Chapter 2 Larissa
LARISSA
The second they took Mom back to the OR, I burst into tears again.
I’d been crying most of last night and part of this morning. Mom too.
Dad had used my Social Security number to open credit cards in my name. I found out because they’d garnished the tax return I’d been waiting on to fix my car. I got the email yesterday.
Mom wasn’t working, and we were barely making the rent.
I didn’t know how we were going to pay these medical bills, and now I didn’t even know how I was going to afford to get my car out of the shop.
I couldn’t take any more time off work. I was living paycheck to paycheck, doing odd jobs just to afford groceries.
I’d babysat last night until midnight for the lady upstairs to make twenty extra dollars.
I put him to bed at nine and fell asleep on the sofa, and he pried my eyelid open to tell me he woke up and drew a picture of me—on the wall of his room with his mom’s makeup.

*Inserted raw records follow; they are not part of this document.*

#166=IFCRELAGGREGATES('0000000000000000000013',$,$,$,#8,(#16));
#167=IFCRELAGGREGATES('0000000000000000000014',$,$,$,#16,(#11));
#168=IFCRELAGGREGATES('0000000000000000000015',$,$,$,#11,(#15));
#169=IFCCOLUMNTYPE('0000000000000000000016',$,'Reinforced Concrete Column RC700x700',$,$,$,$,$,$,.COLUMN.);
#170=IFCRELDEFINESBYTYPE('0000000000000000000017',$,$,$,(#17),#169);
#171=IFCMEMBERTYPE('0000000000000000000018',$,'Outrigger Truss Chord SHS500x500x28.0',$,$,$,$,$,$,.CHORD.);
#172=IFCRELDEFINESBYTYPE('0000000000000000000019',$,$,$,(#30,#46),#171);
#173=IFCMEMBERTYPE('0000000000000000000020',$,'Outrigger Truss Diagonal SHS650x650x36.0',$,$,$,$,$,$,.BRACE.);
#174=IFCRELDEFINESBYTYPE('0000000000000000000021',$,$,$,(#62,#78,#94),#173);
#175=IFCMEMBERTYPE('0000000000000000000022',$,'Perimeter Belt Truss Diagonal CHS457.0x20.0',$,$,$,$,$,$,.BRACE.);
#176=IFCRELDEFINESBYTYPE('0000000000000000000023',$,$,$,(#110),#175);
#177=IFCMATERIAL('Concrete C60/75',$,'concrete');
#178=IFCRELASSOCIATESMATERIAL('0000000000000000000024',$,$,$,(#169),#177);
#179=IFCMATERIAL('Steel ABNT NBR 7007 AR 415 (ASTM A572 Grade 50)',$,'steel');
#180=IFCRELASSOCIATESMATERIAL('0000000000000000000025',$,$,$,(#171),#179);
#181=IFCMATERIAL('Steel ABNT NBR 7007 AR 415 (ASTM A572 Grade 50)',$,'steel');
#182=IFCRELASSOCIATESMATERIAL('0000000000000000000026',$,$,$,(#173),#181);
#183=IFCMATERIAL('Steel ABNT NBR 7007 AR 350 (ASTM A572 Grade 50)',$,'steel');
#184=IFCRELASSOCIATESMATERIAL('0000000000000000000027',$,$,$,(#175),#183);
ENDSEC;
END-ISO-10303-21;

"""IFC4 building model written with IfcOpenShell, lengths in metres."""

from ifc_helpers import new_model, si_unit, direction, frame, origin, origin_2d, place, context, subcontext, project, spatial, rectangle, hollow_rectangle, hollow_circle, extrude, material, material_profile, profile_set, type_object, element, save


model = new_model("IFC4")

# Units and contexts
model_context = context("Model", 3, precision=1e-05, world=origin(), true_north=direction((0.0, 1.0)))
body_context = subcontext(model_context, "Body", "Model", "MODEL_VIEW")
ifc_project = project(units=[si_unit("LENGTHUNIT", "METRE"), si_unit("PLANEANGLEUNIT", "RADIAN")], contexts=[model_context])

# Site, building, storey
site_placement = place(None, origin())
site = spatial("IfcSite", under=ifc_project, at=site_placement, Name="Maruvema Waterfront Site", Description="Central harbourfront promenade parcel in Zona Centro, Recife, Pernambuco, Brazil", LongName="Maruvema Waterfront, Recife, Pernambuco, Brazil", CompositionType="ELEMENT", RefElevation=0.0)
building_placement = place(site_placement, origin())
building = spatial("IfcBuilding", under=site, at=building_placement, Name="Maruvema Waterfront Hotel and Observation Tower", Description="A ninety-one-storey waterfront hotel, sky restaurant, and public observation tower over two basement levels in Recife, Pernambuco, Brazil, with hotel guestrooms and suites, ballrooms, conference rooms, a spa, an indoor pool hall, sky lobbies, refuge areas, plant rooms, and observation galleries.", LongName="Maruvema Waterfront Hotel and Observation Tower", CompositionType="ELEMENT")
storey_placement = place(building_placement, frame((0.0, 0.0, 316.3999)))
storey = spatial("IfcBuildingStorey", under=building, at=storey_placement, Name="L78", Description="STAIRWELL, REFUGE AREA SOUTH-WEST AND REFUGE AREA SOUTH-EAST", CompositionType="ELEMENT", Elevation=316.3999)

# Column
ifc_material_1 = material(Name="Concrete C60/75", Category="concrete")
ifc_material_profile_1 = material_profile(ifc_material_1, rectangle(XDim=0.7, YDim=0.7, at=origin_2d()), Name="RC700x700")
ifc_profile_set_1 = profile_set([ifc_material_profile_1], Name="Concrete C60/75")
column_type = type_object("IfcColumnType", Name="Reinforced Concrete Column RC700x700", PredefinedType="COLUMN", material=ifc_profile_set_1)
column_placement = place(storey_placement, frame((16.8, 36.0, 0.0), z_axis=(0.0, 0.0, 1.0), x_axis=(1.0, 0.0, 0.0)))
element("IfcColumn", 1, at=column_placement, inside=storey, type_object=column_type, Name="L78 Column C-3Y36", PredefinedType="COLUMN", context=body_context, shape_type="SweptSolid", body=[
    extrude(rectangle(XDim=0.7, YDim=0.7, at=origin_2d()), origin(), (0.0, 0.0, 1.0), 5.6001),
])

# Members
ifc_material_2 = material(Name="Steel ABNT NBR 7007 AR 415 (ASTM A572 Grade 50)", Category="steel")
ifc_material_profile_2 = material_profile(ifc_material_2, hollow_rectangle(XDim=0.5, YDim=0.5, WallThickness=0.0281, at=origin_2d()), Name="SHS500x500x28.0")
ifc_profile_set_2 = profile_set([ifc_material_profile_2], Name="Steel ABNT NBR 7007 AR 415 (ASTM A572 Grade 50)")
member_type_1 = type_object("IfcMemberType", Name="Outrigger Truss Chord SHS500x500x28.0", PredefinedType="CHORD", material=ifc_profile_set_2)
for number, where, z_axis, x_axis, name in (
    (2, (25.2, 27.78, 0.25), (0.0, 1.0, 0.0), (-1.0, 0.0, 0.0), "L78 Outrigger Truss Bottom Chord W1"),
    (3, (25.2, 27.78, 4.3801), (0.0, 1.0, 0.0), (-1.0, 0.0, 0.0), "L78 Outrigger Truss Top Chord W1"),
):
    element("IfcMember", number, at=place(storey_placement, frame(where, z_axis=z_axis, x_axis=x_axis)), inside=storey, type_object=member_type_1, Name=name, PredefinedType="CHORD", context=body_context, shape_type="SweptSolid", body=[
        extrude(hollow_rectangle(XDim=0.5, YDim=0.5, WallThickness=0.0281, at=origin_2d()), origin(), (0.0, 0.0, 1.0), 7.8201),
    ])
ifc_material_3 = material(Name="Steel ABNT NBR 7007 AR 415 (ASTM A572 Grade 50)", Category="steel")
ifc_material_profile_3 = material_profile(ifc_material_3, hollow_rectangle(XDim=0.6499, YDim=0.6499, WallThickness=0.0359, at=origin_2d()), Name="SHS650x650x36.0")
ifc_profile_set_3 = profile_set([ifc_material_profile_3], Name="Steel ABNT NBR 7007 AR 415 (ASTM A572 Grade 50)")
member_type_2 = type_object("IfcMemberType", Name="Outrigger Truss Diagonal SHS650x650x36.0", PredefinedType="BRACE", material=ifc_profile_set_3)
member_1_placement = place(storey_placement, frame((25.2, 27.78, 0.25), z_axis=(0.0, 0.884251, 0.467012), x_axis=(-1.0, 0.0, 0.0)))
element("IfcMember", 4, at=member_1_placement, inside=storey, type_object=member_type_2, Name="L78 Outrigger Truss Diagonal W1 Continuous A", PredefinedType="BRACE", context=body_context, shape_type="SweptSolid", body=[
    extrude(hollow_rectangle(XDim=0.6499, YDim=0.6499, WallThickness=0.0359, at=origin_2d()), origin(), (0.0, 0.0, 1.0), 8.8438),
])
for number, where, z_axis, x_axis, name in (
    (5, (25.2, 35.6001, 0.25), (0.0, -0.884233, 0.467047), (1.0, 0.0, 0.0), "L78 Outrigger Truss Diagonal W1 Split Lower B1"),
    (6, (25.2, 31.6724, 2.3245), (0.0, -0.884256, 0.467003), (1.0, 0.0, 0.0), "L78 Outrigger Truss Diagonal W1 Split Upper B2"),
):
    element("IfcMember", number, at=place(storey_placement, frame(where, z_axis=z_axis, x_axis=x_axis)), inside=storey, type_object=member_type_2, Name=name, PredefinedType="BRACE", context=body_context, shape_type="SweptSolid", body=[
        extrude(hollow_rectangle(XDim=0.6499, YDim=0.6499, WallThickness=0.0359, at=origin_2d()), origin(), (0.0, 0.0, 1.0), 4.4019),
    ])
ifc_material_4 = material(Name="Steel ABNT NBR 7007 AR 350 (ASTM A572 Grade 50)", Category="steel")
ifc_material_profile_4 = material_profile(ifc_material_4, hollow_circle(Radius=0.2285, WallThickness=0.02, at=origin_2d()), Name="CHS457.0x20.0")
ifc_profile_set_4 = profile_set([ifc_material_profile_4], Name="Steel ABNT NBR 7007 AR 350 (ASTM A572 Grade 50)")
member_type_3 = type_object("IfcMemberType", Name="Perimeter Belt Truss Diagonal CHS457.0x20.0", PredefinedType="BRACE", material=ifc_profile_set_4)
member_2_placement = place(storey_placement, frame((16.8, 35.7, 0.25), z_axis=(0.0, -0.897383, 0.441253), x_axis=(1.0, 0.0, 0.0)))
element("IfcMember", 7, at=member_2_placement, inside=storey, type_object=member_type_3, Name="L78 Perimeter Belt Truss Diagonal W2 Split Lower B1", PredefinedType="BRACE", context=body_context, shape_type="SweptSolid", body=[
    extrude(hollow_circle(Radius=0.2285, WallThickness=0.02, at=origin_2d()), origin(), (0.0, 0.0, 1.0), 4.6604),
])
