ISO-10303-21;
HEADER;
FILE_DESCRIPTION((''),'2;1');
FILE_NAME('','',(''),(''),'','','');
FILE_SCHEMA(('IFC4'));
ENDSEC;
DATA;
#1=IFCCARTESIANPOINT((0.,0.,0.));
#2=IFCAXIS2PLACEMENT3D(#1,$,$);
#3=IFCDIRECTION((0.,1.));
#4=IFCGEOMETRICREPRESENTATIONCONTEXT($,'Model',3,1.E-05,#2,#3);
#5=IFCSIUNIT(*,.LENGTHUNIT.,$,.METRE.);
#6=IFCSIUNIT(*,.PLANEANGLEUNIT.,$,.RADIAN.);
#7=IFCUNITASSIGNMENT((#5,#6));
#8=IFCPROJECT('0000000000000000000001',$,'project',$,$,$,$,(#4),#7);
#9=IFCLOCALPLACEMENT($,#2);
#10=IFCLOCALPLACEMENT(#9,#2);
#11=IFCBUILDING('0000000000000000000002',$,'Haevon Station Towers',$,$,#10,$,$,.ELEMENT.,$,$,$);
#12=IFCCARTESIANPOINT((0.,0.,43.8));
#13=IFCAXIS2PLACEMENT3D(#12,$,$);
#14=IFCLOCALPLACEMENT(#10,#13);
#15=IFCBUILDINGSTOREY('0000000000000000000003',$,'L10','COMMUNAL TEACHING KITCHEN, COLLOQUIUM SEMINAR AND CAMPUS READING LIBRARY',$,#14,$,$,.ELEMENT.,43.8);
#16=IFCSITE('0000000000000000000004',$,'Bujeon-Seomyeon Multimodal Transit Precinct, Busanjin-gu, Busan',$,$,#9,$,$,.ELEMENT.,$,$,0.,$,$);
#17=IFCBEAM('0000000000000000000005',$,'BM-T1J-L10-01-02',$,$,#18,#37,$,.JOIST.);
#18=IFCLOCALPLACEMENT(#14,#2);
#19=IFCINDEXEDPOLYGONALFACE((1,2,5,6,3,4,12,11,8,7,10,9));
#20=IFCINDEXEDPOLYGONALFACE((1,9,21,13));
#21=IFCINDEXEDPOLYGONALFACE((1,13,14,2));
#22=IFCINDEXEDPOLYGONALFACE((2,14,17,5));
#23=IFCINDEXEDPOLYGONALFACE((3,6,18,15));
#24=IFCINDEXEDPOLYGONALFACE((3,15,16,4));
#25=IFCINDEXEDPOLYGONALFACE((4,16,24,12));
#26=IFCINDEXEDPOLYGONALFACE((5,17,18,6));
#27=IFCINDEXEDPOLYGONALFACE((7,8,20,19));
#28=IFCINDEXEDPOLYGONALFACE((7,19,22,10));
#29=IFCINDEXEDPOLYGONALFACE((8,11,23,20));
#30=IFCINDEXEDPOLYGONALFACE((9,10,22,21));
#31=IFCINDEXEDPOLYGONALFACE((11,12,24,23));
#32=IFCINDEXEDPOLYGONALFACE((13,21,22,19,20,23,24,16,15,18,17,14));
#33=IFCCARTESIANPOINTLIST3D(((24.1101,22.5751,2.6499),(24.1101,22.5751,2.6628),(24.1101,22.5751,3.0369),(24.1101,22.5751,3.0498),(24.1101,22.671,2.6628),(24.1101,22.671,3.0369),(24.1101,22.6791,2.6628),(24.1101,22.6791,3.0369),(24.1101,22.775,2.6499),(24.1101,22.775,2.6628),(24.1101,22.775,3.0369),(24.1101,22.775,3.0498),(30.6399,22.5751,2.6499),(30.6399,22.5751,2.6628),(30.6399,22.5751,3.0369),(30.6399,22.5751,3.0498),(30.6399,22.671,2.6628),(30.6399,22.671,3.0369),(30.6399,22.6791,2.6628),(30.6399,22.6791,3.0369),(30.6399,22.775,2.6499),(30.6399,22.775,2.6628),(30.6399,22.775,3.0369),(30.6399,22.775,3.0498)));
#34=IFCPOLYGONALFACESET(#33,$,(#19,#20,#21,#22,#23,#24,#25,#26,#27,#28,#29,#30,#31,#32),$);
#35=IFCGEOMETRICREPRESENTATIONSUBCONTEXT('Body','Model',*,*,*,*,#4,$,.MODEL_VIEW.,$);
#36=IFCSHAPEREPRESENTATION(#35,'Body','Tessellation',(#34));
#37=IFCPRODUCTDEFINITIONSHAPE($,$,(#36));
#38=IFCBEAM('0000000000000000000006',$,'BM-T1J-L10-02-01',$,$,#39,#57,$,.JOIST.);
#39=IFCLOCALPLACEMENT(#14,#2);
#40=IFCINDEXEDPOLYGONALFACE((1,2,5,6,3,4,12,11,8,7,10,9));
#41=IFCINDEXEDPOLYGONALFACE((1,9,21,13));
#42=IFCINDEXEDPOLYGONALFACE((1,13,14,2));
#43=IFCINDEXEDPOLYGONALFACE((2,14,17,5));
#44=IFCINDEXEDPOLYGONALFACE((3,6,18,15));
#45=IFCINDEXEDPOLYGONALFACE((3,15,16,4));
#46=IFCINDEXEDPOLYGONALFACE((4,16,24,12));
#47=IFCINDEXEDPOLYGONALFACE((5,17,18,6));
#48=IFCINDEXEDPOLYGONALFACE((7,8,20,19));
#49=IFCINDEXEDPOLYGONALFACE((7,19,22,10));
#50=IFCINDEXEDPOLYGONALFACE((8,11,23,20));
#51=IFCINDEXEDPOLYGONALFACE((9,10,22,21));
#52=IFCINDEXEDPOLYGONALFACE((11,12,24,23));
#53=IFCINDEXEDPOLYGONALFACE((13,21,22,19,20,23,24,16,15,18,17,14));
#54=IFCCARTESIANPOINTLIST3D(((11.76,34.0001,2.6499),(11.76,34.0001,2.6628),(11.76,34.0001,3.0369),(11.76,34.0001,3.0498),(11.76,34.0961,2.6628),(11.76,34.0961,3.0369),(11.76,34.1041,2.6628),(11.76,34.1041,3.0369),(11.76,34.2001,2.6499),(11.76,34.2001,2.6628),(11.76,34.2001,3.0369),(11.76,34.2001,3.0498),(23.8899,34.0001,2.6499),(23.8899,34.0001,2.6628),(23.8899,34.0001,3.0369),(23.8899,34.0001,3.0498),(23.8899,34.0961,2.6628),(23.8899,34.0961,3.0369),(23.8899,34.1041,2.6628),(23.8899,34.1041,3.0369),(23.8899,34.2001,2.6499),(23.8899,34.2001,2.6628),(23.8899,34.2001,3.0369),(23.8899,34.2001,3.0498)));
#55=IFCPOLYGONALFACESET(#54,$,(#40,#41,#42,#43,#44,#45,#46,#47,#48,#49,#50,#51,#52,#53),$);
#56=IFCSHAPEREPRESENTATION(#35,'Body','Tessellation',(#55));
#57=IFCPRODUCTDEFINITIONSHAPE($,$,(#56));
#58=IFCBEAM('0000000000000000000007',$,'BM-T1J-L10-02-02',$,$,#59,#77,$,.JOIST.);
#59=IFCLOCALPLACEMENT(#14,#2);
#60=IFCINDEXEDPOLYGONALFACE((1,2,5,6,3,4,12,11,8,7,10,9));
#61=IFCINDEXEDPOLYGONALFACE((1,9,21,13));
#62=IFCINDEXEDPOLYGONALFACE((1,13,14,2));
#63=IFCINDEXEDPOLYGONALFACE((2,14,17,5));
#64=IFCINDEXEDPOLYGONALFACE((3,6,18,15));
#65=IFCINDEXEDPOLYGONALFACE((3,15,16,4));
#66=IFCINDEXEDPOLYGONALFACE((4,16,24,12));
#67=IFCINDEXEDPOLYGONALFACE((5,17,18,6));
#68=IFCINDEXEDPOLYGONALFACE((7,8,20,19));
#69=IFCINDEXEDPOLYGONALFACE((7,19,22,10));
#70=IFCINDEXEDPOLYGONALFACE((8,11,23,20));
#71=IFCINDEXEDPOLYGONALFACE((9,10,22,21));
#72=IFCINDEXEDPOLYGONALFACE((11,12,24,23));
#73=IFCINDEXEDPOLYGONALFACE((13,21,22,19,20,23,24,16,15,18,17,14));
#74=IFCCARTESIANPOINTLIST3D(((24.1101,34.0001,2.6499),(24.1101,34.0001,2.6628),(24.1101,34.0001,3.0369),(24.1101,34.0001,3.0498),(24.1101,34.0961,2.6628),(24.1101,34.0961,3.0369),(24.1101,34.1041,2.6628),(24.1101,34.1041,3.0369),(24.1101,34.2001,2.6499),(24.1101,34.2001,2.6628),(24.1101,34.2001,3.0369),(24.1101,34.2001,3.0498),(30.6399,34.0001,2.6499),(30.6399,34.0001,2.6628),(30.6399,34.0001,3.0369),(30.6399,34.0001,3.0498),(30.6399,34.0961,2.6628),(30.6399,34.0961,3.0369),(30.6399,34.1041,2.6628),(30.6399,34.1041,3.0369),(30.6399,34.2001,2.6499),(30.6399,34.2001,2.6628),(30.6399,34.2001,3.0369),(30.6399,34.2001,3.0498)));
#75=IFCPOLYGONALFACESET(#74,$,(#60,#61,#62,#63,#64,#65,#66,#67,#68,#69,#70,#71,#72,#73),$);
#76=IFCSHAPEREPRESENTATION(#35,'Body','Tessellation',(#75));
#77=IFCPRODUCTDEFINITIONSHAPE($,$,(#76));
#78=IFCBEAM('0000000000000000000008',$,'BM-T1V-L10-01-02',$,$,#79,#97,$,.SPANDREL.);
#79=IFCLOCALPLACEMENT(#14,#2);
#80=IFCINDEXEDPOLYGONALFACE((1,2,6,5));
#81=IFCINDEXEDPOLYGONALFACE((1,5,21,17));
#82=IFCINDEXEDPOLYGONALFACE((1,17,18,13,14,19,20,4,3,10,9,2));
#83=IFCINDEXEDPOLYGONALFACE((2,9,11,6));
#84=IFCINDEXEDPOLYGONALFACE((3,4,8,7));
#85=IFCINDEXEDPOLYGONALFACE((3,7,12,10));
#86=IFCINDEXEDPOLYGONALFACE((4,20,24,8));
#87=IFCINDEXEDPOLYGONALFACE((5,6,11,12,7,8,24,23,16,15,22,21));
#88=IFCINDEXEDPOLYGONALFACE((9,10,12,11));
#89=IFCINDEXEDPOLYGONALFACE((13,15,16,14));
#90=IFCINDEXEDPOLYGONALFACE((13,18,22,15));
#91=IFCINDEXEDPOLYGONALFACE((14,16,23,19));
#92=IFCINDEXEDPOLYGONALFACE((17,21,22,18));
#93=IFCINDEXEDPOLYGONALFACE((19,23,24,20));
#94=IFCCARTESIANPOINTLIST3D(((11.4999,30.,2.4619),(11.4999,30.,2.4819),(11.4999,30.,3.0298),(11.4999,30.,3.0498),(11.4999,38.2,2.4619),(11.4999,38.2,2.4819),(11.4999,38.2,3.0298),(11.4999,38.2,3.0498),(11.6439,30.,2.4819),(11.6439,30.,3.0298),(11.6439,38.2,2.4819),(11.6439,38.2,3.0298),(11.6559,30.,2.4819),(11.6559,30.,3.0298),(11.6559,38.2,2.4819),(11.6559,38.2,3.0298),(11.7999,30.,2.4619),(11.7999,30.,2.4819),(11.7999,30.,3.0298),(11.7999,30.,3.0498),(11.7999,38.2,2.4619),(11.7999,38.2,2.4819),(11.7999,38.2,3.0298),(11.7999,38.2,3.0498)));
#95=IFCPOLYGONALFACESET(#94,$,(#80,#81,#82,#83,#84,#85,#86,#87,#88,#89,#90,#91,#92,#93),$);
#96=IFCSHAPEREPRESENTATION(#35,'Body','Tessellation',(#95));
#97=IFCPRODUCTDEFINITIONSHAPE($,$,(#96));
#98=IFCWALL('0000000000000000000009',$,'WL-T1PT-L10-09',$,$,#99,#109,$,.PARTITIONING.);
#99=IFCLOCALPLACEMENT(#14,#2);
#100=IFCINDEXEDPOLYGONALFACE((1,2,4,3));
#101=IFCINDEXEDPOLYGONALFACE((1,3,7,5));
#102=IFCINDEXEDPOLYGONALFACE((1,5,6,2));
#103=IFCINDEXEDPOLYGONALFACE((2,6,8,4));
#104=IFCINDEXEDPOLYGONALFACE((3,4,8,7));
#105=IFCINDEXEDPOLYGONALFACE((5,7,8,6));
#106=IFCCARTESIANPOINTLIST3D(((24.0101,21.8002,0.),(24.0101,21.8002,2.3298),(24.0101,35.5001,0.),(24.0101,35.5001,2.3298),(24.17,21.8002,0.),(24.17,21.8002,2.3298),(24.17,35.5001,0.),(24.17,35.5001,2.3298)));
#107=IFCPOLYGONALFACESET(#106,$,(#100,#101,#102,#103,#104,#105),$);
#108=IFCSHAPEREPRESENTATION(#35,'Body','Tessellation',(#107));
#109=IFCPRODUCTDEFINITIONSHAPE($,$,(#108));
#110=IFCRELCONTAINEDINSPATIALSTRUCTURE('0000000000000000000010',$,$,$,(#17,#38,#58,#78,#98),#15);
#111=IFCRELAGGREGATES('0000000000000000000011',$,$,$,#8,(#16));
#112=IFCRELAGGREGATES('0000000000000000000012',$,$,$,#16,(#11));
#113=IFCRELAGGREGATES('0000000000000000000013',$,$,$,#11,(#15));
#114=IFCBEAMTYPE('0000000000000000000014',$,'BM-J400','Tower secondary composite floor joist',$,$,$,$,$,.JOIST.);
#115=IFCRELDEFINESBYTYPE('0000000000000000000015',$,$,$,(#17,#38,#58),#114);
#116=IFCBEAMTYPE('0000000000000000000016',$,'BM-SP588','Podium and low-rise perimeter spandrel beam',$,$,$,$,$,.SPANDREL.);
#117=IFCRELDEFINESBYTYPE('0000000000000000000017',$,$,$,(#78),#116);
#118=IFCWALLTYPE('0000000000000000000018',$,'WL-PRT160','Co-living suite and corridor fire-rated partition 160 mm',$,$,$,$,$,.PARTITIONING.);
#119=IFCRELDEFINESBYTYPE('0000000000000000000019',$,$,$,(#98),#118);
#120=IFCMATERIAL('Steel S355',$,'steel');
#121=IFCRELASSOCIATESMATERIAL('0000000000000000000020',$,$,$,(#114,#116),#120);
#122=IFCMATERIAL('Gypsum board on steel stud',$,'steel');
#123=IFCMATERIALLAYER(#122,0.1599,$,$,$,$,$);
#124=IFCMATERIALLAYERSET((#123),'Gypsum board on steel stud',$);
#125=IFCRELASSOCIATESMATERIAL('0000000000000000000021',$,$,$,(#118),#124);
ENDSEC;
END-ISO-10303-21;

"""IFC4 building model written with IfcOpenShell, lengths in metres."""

from ifc_helpers import new_model, si_unit, direction, frame, frame_2d, origin, origin_2d, place, context, subcontext, project, spatial, rectangle, i_section, extrude, material, layer, layer_set, material_profile, profile_set, type_object, element, save


model = new_model("IFC4")

# Units and contexts
model_context = context("Model", 3, precision=1e-05, world=origin(), true_north=direction((0.0, 1.0)))
body_context = subcontext(model_context, "Body", "Model", "MODEL_VIEW")
ifc_project = project(units=[si_unit("LENGTHUNIT", "METRE"), si_unit("PLANEANGLEUNIT", "RADIAN")], contexts=[model_context])

# Site, building, storey
site_placement = place(None, origin())
site = spatial("IfcSite", under=ifc_project, at=site_placement, Name="Bujeon-Seomyeon Multimodal Transit Precinct, Busanjin-gu, Busan", CompositionType="ELEMENT", RefElevation=0.0)
building_placement = place(site_placement, origin())
building = spatial("IfcBuilding", under=site, at=building_placement, Name="Haevon Station Towers", CompositionType="ELEMENT")
storey_placement = place(building_placement, frame((0.0, 0.0, 43.8)))
storey = spatial("IfcBuildingStorey", under=building, at=storey_placement, Name="L10", Description="COMMUNAL TEACHING KITCHEN, COLLOQUIUM SEMINAR AND CAMPUS READING LIBRARY", CompositionType="ELEMENT", Elevation=43.8)

# Beams
ifc_material_1 = material(Name="Steel S355", Category="steel")
ifc_material_profile_1 = material_profile(ifc_material_1, i_section(OverallWidth=0.2, OverallDepth=0.3999, WebThickness=0.0081, FlangeThickness=0.0129, at=origin_2d()), Name="H-400x200x8x13")
ifc_profile_set_1 = profile_set([ifc_material_profile_1], Name="Steel S355")
beam_type_1 = type_object("IfcBeamType", Name="BM-J400", Description="Tower secondary composite floor joist", PredefinedType="JOIST", material=ifc_profile_set_1)
beam_1_placement = place(storey_placement, frame((24.1101, 22.675, 2.8499), z_axis=(1.0, 0.0, 0.0), x_axis=(0.0, 1.0, 0.0)))
element("IfcBeam", 1, at=beam_1_placement, inside=storey, type_object=beam_type_1, Name="BM-T1J-L10-01-02", PredefinedType="JOIST", context=body_context, shape_type="SweptSolid", body=[
    extrude(i_section(OverallWidth=0.2, OverallDepth=0.3999, WebThickness=0.0081, FlangeThickness=0.0129, at=origin_2d()), origin(), (0.0, 0.0, 1.0), 6.5298),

I laughed because it was so not funny, it was.
I felt so bad for the mess, I didn’t even take the money.
I pulled my legs into my chest on the gray waiting room chair and put my forehead to my knees.
I didn’t want to be alone at the hospital. I wanted to go home.
I wanted to put on my ratty emotional support grandma underwear and take off my bra and climb into bed and sleep until it was over.
I wanted to order delivery food I couldn’t afford so I could eat something I didn’t have to cook and most of all I wanted someone else to figure it out.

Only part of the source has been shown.